Honestly I would rather buy molly but unless you have test kit you never know what it is


----------



## I NUK3D U

If the pill contains as much MDMA (and nothing else active) as the powdered product, then you will roll the same. Most pills however have other active ingredients which some people prefer to synergise with the MDMA. Personally, I'd say a shit load of pure crystals is the way to go if you have a choice


----------



## snafu

Yea crystals > molly or pills

Molly can be just as cut as a pill, I've seen capsules on edata with Methylone and I think there were even a couple piped capsules if I'm not mistaken. but test everything you get just to make sure


----------



## notsoholyroller

Thanks for the replies  I believe I will consuming the capsule type molly at a fantastic event in the very near future and if I do I will let you know how my experience goes


----------



## dominionxp

pills could EASILY be just as good as mollies, just make sure ur pills are MDMA only, pink stars have literally floored me in the past


----------



## notsoholyroller

So here is my report boys and girls  Friday night took pure tested unadulterated molly powder in gel cap form and also snorted it.This roll 
was so pure and clean. It was heavenly. So bomb we were floored most of the roll. I did do some nitrous which normally intensifies my roll - 
it felt good but there was not a lot of bangin to it if you know what I mean.

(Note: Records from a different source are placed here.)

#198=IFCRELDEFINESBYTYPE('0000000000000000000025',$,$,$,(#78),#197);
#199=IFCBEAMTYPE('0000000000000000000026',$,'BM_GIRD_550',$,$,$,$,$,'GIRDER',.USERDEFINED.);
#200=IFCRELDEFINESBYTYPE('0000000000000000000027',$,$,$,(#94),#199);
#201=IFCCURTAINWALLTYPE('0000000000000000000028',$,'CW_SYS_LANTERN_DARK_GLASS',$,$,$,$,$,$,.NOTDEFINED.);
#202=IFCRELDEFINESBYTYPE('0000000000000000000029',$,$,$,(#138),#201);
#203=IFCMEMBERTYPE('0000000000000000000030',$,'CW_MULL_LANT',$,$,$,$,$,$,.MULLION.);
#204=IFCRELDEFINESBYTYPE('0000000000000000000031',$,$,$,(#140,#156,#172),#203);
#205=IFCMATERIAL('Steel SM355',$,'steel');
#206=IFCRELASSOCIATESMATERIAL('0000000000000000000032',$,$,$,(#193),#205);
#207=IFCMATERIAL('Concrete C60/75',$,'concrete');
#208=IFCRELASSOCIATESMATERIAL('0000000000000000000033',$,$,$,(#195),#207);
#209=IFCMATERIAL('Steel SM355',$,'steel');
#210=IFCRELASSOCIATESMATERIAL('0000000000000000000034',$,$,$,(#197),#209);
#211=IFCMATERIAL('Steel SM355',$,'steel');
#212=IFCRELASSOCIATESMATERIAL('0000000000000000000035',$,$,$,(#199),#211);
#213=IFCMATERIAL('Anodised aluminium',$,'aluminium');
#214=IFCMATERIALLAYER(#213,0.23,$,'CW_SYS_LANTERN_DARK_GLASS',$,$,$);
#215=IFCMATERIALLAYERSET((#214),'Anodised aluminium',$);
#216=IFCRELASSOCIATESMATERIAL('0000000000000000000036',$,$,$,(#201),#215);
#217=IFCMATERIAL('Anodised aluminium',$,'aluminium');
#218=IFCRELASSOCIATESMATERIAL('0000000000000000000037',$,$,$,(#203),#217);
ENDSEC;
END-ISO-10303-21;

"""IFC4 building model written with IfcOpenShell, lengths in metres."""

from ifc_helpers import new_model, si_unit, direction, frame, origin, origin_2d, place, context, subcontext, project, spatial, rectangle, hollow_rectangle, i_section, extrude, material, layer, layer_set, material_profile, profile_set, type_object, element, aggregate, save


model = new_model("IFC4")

 We did some coke earlier in the week so not sure if the dopamine system being in repair had something to do with the nitrous not feeling as
bomb. Don't get me wrong the balloons still felt good - just not as good as past pill rolls have with the nitrous.
I feel blessed and lucky that during this east coast drought I was able to roll off of some pure molly. It really was heavenly. Really clean 
feeling. Good luck on the hunt.


----------



## Bearlove

MDMA is MDMA !

Mollies 'should' be MDMA and nothing else - Pills 'should' be MDMA and nothing else! 

Truth is a lot of dealers 'cut' the product - caffeine, meth, piperazine, inert substances, RC's etc 

MDMA isn't really a stimulant and can leave a lot of people feeling lazy, lying around on the floor unable or unwilling to get up and dance.  A lot of the pills contain a dose of caffeine which gives the experience a boost and makes you more energetic. 

I would always suggest you get 'clean' MDMA and then add your own touch to it depending on what you want - you want a more energetic roll = add caffeine or a stim, you want a more trippy roll add LSD or some 2c... etc.


----------